This video is part of the Correlation Does Not Imply Causation, So What Does series, presented by Jim Colton, Lead Statistical Consultant at GraphPad.
Transcript:
So what are correlations good for?And then I'll get into how to establish cause and effect.Because I've just torn apart correlations pret ...
This video is part of the Correlation Does Not Imply Causation, So What Does series, presented by Jim Colton, Lead Statistical Consultant at GraphPad.
Transcript:
So what are correlations good for?
And then I'll get into how to establish cause and effect.
Because I've just torn apart correlations pretty good. And I might say some negative things going forward still, but for the most part I'm going to talk about the good side to correlations. They're good at coming up with hypotheses to formally test. In other words you see a correlation, it's not necessarily cause and effect, but you might explore it further. It's a signal that says, hey look here.
Actually, over the last I'd say maybe about 10 years, anyone who's known I'm a statistician has wondered if I've watched the movie Moneyball, I actually watched two thirds of it this past weekend for the first time. And I didn't make it all the way through. But it kind of motivated me to put an example in related to that.
And so here what I have is all the 2008 Major League batting statistics for each team. The total home runs and doubles and on base percentage. And I've got this big correlation matrix and no one can read anything off this really individually. But, well, the dark blue is a positive correlation, a strong positive. And the dark red is a strong negative. And one thing you can do with correlations, and I think they did this in the movie, they just looked at a lot of things and said, hey, I think on base percentage is what they were focusing on, and actually is a very dark blue one.

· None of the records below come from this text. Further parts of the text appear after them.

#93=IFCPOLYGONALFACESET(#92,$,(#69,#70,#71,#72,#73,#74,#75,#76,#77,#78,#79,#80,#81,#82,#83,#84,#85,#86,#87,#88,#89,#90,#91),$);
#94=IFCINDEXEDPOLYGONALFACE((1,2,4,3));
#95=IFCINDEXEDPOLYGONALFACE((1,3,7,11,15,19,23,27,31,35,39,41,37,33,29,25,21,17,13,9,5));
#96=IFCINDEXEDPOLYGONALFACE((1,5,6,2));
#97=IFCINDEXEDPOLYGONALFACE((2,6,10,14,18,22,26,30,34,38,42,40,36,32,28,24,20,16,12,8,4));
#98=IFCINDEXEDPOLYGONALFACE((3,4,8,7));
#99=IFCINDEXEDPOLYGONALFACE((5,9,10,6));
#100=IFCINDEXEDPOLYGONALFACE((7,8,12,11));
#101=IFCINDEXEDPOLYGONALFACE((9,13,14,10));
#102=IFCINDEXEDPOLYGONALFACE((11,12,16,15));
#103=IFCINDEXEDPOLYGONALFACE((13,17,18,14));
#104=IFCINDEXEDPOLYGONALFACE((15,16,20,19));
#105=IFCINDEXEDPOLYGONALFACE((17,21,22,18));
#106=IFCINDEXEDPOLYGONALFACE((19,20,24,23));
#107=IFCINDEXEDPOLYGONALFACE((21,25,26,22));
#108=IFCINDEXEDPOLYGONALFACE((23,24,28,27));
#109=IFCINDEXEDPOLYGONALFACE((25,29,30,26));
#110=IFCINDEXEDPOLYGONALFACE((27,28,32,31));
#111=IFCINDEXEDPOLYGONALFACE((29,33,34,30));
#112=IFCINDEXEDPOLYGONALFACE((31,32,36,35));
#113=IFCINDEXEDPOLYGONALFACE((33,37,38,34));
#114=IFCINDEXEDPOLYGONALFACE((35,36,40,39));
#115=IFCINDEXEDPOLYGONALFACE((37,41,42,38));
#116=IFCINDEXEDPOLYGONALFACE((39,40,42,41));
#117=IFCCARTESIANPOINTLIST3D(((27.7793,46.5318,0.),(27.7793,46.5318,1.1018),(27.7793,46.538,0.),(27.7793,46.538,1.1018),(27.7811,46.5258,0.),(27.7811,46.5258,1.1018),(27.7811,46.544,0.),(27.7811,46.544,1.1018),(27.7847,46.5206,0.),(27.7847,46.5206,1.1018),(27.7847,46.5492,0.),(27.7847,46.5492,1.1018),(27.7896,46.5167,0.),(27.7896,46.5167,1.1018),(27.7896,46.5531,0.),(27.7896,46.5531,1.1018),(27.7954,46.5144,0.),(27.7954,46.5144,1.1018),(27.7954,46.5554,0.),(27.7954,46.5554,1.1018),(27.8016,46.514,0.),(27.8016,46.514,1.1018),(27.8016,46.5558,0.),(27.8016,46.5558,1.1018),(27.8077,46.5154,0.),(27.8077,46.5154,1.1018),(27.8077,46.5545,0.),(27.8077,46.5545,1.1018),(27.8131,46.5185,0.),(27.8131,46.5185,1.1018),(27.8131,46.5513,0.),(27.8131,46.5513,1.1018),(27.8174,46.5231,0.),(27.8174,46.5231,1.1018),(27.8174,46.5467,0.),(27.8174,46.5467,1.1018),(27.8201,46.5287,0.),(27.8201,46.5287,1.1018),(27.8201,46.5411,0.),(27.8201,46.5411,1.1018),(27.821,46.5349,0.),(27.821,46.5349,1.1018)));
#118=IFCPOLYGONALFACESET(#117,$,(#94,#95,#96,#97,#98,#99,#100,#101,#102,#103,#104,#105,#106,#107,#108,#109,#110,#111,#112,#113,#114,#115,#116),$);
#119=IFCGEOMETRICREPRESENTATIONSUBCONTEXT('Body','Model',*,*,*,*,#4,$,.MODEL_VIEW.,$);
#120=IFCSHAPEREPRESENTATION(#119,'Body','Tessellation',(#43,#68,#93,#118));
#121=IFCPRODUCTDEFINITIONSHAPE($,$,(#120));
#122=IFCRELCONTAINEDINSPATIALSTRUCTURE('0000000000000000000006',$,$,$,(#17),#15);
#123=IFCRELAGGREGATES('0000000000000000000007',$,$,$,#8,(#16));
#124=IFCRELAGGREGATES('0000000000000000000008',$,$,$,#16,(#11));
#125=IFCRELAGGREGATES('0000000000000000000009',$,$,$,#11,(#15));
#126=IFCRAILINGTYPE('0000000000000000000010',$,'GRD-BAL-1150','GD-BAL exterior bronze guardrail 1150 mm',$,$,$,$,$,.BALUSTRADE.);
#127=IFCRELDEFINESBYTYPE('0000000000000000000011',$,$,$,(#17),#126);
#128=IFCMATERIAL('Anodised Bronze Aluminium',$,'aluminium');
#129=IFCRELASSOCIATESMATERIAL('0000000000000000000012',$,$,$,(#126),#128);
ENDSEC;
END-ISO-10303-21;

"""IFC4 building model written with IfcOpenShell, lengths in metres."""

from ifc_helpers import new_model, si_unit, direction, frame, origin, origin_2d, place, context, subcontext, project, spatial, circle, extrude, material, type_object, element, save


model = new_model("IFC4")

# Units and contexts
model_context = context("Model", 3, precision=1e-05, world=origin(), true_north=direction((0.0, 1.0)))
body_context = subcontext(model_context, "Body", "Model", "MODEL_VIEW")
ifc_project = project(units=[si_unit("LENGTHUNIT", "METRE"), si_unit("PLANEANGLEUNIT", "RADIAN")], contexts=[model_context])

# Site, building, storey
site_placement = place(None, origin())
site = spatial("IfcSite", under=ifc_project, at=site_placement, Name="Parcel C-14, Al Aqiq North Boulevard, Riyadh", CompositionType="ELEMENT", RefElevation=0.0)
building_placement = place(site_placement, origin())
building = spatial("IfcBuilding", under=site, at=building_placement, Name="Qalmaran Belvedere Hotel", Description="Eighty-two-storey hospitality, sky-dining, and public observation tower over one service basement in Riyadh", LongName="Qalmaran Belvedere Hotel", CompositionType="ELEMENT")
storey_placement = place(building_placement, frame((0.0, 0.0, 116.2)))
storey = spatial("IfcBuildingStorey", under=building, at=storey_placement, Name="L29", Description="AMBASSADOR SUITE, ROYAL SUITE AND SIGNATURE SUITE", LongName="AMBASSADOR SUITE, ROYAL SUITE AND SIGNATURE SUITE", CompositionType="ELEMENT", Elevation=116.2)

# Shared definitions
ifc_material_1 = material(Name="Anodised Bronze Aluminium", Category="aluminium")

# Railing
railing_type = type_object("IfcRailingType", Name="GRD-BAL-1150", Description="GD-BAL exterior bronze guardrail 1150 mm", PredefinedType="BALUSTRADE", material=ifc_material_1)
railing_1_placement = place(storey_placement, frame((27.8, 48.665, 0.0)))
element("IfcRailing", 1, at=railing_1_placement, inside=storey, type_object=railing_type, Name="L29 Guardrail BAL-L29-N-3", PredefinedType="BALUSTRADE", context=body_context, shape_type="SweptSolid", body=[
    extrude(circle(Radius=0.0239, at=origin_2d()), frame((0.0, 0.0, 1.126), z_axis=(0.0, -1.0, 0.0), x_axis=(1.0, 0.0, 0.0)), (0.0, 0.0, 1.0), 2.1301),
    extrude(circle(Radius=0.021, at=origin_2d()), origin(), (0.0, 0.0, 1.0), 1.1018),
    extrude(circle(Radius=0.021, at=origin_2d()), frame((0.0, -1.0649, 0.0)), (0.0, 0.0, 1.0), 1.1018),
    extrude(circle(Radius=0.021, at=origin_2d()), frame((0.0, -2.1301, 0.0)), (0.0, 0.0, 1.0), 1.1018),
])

I don't think I have my laser, let me see. Oh yeah, I do. It's this one right here. I'm sorry, OBP. So that's a pretty dark blue.
That's a very strong correlation with win-loss percentage. That's what they care about the most, the W-L. So you can look at all these variables, all of these combinations and look at the correlations and say, hey, let's pick off a few of these and study them further, okay.
We don't know that on base percentage is causing the wins or losses, but hey, it's a signal. Let's look at that signal and study it further.
You want to be careful though. I saw this in the USA Today newspaper about five years ago, there was a statement in there about, hey, NFL teams that pass more tend to lose, which is true. Teams who pass more tend to lose, but it doesn't mean you shouldn't pass. So think about why that is and we'll talk at the end.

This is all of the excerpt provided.